Table 8. Results of concrete mix design according to the proposed method for different strength classes.

fc28 (MPa)	RCF (kg/m3)	C (kg/m3)	SP (% of C)	W (L/m3)	W/C	Ssp (m2/kg)	T (°C)	Na2SiF6 (% of RCF)	Cost (EUR/m3)
50	100	304.5	0.99	160	0.53	336	330	0.91	47.26
	75	301.9	0.95	156	0.52	331	230	0.77	44.86
	50	301.2	0.93	148	0.49	207	54	0.99	42.93
	25	300.0	0.82	163	0.54	292	245	0.84	41.82
	0	318.5	1.00	162	0.51	130	0	0.00	44.58
60	100	377.2	0.99	162	0.43	321	284	0.92	57.05
	75	351.0	0.97	159	0.45	343	427	0.87	52.92
	50	328.1	0.95	157	0.48	313	524	0.99	48.55
	25	316.9	0.97	160	0.50	334	576	0.99	45.79
	0	384.4	1.00	161	0.42	130	0	0.00	53.8

. The data in Table 8 show that for the specified strength of concrete 50–60 MPa, the use of RCF in the amount of 50–75 kg/m³ makes it possible, while maintaining the cost of concrete, to reduce cement consumption by 18–30 kg/m³.

5. Conclusions

• By applying a set of mechanical, chemical, thermal and physico-chemical combined activation methods, the quality parameters of concrete rubble and recycled concrete fines (RCF) derived from it were determined, including the strength of the original concrete, chemical and phase composition, specific surface area, and pozzolanic activity.

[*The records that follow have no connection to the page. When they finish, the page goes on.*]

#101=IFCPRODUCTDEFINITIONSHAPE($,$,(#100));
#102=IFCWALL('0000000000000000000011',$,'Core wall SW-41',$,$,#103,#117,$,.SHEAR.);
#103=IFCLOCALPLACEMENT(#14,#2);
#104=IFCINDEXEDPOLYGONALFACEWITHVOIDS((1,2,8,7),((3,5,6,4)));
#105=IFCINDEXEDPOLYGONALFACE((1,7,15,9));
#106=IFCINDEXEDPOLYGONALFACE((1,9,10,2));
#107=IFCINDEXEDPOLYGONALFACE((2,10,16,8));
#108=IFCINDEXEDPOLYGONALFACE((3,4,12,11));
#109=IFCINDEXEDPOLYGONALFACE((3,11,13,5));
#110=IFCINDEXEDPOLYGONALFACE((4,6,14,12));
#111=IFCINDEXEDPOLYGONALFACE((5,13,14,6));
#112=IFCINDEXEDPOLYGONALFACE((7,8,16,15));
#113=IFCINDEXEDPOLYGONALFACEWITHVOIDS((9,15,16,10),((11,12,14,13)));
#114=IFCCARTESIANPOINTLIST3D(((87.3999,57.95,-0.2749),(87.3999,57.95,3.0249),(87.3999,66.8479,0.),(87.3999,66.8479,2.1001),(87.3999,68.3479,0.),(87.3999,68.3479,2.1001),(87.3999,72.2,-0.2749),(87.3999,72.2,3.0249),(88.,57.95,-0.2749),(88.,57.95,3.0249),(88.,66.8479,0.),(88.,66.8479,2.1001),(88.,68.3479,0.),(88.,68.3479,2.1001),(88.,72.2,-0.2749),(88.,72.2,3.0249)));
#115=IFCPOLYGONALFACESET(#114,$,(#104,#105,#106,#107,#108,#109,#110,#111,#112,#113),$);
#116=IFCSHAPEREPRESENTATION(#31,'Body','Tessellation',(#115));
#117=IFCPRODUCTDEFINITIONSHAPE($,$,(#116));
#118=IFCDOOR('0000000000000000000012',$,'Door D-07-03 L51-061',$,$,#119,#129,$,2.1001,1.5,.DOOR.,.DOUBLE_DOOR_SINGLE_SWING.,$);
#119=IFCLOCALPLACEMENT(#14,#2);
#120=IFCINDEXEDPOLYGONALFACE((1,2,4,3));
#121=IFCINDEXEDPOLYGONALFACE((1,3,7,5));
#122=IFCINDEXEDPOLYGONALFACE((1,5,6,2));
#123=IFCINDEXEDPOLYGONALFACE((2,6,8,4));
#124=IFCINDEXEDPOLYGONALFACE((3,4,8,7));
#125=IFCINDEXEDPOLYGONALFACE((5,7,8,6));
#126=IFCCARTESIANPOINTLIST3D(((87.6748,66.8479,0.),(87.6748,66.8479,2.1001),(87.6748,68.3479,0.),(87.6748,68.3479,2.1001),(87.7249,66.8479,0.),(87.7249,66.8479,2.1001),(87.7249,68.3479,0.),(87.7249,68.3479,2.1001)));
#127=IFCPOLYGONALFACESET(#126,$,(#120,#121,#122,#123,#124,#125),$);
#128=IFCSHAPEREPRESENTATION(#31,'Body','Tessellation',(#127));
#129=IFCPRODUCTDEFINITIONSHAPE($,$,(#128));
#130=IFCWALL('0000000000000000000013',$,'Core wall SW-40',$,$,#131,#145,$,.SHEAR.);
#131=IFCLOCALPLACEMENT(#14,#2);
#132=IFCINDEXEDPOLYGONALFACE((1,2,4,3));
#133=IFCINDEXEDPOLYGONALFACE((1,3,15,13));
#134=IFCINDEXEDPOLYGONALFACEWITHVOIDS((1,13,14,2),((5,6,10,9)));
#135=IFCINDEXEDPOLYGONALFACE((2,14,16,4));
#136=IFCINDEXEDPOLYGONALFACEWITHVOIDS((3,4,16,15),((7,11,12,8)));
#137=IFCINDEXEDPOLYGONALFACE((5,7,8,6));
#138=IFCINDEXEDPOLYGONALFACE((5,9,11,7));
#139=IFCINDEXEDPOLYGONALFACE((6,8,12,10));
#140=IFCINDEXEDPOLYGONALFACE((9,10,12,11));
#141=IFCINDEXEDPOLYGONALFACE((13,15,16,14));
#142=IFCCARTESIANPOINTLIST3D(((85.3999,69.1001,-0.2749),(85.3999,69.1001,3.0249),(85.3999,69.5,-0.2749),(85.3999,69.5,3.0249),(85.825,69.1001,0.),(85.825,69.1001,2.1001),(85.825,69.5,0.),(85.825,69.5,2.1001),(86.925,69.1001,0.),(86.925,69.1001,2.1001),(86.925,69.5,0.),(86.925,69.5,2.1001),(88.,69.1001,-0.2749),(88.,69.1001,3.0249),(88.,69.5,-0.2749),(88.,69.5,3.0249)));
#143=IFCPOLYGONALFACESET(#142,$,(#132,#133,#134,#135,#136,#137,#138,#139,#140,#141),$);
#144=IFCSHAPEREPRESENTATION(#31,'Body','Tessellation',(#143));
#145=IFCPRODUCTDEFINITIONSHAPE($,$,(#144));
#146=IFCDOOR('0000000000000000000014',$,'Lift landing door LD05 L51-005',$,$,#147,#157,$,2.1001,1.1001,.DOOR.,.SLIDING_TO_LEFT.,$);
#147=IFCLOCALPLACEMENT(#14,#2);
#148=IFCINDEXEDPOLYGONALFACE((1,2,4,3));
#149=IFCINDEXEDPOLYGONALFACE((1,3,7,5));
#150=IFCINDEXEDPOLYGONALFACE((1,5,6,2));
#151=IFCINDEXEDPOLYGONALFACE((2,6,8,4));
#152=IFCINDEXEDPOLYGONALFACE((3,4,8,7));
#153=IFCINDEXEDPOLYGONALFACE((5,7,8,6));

• The pozzolanic activity of RCF increases with increasing specific surface area of the particles.
• Using the methodology of experimental design, six-factor experimental-statistical models were obtained for the water demand and compressive strength of concrete, taking into account cement consumption, RCF content and fineness, superplasticizer dosage, accelerator content (sodium silicofluoride), and RF thermal treatment temperature.

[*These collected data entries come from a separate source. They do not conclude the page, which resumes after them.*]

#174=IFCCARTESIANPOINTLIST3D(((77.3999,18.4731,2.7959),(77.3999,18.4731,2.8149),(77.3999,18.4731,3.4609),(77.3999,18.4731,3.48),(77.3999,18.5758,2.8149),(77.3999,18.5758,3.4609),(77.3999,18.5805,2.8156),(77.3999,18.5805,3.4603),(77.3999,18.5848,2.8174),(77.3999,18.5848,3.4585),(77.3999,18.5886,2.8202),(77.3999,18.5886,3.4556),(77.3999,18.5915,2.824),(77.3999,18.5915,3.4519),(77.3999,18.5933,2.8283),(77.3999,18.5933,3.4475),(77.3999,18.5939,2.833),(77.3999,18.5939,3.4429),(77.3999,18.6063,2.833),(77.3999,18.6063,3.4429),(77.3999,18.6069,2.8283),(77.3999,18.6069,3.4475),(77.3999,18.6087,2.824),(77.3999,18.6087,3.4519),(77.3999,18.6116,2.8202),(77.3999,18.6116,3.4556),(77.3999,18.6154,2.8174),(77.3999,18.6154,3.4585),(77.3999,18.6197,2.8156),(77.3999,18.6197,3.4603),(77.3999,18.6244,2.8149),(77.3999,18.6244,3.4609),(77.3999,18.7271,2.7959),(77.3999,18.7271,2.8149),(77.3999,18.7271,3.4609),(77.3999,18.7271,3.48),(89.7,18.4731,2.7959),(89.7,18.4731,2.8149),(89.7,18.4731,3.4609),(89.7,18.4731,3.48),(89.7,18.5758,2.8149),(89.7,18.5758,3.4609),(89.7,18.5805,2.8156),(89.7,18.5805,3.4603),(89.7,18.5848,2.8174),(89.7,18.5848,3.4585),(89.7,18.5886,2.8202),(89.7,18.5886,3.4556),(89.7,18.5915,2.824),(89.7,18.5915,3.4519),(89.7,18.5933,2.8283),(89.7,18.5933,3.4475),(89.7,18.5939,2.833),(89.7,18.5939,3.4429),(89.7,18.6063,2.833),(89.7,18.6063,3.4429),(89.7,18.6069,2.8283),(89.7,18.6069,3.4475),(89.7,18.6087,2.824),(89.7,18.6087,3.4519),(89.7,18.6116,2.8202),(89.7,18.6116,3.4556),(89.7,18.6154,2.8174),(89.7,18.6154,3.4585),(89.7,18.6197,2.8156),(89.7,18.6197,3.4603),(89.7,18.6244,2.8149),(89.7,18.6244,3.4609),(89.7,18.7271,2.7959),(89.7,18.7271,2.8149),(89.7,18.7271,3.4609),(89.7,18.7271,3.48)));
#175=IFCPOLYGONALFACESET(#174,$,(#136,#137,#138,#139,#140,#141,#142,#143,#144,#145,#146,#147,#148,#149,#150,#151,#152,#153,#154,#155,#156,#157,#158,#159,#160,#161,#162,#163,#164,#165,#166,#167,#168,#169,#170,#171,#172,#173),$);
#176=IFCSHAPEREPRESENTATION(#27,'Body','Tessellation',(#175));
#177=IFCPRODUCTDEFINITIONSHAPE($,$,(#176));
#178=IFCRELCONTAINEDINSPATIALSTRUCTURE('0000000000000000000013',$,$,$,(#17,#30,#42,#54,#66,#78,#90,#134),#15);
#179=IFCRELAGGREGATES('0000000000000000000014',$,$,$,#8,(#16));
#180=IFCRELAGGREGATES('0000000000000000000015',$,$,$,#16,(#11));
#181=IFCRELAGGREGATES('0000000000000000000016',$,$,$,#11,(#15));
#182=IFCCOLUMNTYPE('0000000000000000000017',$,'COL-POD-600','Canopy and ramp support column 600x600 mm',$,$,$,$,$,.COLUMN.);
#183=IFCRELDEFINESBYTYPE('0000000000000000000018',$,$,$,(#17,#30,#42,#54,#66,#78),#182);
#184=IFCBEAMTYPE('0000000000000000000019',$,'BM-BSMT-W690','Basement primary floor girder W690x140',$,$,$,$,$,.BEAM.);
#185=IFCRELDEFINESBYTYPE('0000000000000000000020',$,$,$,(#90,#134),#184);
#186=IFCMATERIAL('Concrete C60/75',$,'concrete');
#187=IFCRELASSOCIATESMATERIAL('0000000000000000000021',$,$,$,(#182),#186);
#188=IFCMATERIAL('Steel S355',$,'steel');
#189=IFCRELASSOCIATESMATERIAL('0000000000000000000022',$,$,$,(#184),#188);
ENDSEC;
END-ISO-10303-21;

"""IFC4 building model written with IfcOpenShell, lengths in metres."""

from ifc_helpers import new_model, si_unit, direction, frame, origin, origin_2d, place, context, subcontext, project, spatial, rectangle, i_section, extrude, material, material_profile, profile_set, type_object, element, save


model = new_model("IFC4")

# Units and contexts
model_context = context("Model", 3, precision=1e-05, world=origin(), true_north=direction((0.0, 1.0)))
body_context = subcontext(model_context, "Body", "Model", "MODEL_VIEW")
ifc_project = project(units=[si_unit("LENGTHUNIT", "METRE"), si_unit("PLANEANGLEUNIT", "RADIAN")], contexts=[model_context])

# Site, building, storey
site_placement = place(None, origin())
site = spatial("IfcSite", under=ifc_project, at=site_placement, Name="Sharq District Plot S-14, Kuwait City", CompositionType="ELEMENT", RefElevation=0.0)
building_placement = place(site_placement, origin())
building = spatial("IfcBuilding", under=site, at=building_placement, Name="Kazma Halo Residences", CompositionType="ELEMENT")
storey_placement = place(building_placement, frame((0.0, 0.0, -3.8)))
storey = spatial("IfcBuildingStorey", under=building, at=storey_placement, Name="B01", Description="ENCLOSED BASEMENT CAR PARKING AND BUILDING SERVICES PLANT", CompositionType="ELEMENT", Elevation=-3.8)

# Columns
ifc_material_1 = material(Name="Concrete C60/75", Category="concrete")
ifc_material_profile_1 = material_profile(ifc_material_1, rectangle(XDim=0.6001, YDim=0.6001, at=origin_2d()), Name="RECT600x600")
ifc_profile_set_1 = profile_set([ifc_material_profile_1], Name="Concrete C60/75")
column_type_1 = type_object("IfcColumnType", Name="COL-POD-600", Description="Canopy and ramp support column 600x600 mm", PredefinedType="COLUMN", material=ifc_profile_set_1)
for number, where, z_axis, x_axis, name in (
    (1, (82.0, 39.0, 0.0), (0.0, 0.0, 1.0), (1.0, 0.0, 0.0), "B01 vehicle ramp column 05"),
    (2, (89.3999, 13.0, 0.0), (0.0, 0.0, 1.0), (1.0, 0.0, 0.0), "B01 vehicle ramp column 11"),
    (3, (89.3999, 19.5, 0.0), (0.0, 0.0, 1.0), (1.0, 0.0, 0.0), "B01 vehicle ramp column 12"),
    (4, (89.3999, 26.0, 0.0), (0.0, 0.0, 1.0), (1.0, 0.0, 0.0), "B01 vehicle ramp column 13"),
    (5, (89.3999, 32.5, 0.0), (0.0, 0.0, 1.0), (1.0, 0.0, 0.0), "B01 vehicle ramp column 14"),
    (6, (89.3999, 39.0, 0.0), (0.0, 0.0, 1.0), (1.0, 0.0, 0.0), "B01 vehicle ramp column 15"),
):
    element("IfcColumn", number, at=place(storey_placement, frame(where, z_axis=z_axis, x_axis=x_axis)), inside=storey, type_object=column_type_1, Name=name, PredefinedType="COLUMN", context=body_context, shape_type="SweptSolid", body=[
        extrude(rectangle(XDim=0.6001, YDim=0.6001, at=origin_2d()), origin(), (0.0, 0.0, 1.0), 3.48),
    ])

• Analysis of the models allowed quantitative evaluation of the influence of the studied factors, ranking them by their effect on water demand and strength, and identifying significant interaction effects. The SEM-EDS results provide evidence that the use of RCF, particularly with chemical treatment, can significantly alter the hydration chemistry and microstructure of concrete. The formation of low-Ca, Al-rich C–A–S–H phases improves durability potential, while chemical activation helps suppress carbonation and refine the matrix. Conversely, untreated or mechanically treated RCF introduces greater heterogeneity. These findings support the use of the combined activation methods as a more effective strategy for the application of RCFC in cement and concrete.
• It was established that the increase in water demand and reduction in compressive strength caused by RCF addition can be mitigated by using a polyacrylate superplasticizer and by RCF activation through thermal treatment combined with sodium silicofluoride. At a cement consumption of 300 kg/m³, RCF can be added up to 25%; at 400 kg/m³, up to 20%; and at 500 kg/m³, up to 15%, yielding comparable compressive strengths.

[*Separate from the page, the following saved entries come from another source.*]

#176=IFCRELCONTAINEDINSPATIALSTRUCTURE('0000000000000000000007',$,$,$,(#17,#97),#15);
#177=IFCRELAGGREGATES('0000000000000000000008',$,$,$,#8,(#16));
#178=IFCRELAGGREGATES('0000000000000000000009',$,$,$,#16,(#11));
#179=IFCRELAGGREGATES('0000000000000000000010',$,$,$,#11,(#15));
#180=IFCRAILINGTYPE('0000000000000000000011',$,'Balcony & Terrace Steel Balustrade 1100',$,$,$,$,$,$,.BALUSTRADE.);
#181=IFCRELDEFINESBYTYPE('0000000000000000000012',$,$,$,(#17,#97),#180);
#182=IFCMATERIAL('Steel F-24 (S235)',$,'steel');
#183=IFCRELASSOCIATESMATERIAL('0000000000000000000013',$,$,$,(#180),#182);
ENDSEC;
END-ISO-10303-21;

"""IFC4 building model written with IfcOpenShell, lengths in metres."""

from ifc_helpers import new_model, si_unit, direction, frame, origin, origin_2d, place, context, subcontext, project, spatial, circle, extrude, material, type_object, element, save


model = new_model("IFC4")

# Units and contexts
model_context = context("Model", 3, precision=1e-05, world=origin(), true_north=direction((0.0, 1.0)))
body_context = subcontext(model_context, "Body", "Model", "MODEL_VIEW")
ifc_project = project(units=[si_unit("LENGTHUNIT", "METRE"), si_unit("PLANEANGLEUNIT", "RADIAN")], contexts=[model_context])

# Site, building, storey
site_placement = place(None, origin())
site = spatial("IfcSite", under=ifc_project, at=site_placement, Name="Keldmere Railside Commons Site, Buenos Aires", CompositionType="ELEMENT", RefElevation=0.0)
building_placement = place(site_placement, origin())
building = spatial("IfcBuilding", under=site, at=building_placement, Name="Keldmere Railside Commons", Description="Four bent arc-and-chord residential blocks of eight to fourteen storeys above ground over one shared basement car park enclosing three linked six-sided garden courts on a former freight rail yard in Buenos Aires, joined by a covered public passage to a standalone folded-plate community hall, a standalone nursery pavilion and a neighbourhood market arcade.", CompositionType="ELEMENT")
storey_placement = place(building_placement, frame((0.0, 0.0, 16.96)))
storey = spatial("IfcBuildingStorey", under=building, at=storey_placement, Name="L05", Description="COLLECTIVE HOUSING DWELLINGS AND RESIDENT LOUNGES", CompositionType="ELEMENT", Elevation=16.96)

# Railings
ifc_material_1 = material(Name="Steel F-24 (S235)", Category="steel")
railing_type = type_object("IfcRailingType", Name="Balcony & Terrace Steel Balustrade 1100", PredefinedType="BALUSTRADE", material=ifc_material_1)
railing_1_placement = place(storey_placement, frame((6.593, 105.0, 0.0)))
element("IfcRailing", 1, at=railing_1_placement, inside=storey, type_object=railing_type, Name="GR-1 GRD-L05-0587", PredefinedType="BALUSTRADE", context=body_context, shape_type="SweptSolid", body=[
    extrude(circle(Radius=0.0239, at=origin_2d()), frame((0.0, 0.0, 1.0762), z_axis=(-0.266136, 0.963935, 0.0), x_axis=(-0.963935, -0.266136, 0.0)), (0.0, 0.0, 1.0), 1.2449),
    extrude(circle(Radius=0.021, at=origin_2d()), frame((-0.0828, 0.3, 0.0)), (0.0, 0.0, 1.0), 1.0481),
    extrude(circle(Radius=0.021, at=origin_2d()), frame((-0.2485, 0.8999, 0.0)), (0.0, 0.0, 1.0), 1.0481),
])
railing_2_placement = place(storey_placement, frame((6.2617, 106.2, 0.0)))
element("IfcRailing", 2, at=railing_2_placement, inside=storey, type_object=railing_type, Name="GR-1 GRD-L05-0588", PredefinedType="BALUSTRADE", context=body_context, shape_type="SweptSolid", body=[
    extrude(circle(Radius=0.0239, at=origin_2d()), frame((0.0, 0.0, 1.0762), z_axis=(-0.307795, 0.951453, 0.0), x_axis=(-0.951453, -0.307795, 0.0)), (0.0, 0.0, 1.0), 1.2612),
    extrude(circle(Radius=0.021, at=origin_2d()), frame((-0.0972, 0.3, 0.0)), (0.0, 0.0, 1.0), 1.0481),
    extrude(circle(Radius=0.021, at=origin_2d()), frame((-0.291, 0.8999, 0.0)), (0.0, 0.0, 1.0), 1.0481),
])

• The recommended ranges of fine fractions of recycled concrete (RCF) established in this study are consistent with the general provisions of existing concrete standards (e.g., EN 206 [44], ACI 318 [45]/ACI 555 [46]), which permit the use of mineral admixtures provided that the required performance criteria are met. Accordingly, RCF can be practically classified and utilized as an active mineral admixture without violating current standard specifications for structural concrete.
• Based on analysis of the models for water demand and compressive strength, and using appropriate software, a method of optimal concrete proportioning with the addition of the recycled concrete has been proposed.
• The multiparametric optimization of concrete mixtures with RCF, carried out using the developed methodology from the standpoint of minimum cost, indicates that for a target strength of 50–60 MPa, the incorporation of RCF in the amount of 50–75 kg/m³ allows a reduction in cement consumption by 18–30 kg/m³ while maintaining the overall cost of concrete.